Yay! Congratulations oneironautics! 

I actually use something that may be very similar to what you experienced, if not the same. I use it periodically during WBTB. I call it weirdness induction and it basically involves inducing that startled feeling which seems to get the brain juices flowing to raise awareness when I go back to sleep. As creative as you are, you may find a different way to become super skeptical.

----------


## oneironautics

Thanks man I appreciate your input, I can relate to weidness induction, just as soon as i get lucid i wake up so quickly.

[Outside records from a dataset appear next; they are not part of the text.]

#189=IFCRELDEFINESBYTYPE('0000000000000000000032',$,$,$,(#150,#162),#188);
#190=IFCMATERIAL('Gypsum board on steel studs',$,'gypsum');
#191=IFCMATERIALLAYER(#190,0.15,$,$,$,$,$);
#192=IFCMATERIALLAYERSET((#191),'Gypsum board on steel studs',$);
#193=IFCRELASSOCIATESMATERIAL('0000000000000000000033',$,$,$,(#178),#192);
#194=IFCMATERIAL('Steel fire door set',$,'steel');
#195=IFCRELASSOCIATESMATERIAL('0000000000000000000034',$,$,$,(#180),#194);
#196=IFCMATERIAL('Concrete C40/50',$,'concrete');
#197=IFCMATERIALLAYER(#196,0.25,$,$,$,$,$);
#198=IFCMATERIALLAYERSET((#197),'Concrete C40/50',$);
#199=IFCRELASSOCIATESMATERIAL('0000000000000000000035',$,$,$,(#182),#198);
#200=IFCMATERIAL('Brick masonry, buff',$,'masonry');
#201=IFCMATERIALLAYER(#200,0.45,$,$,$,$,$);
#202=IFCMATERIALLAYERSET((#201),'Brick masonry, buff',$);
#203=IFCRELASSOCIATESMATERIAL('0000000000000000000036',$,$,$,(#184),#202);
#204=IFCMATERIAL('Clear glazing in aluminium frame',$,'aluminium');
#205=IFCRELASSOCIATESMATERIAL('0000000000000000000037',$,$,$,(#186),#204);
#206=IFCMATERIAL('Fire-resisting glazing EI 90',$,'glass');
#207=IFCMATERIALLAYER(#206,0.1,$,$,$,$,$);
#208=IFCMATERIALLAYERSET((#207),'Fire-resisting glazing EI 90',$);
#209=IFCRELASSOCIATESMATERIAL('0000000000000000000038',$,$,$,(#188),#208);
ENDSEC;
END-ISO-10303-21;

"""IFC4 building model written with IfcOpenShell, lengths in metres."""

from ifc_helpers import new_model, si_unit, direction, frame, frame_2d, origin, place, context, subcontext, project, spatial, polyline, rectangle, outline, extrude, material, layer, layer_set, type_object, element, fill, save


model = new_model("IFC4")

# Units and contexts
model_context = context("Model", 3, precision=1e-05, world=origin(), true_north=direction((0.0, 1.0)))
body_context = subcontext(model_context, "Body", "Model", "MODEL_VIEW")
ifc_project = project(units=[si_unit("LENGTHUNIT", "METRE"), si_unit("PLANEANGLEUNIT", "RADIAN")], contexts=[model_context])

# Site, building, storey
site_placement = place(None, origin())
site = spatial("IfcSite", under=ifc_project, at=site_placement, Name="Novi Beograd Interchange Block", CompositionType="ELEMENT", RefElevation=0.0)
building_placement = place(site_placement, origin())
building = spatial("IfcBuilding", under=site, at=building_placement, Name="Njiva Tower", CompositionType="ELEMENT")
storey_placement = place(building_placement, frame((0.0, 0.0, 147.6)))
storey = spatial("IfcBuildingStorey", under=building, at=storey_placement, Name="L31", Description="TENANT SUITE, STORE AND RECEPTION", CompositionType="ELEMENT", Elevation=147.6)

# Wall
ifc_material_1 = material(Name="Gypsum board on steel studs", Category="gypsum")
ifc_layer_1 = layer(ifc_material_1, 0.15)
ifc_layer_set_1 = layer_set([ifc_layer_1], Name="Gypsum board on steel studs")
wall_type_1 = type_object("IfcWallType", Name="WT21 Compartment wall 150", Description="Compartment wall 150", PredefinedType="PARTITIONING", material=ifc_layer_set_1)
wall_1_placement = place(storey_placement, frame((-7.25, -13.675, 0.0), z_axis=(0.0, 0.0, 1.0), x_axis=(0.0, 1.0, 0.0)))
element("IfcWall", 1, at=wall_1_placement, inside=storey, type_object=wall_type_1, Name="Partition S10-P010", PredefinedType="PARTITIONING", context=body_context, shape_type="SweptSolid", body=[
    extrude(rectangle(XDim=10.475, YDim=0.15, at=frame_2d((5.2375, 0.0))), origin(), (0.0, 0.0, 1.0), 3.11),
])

So last month i was working on becoming more logical too pass some test, and i guess it worked got approved for 2 classes, now the problem is i can only do 1 and have too choose between them . So I guess thats gonna keep me busy for the summer , i'm pretty sure thats  where the fear was coming from making the wrong decision, it is a choice that would affect the rest of my working life.. I was reading through my DJ and i'm understanding the fear better i think. Now have to put the logistics to good use :-)

----------


## oneironautics

Finally made my decision, my poor scorpio mind stopped being split in 2 and i was able to focus , had a Lucid ranning around and told everyone i was dreaming and tried telekenetics .. not so great memory,  have been drinking lots of mugwort tea i picked from the beach, so far me dreams have been more vivid but not more lucid or aware, Another month of vacation so lots more lucids i hope :-)

----------


## fogelbise

Congratulations on another lucid and wishing you many more to come!

----------


## oneironautics

Lots of vivid dreams and semi lucids, haven't been doing enough Reality checking , 1 new goal Meet a Mammoth so new Mantra is 
Making Memories with Mammoth Morpheus .

----------


## Azaleaj

Congratulations on the lucid dreams!

----------


## fogelbise

> Lots of vivid dreams and semi lucids, haven't been doing enough Reality checking , 1 new goal Meet a Mammoth so new Mantra is 
> Making Memories with Mammoth Morpheus .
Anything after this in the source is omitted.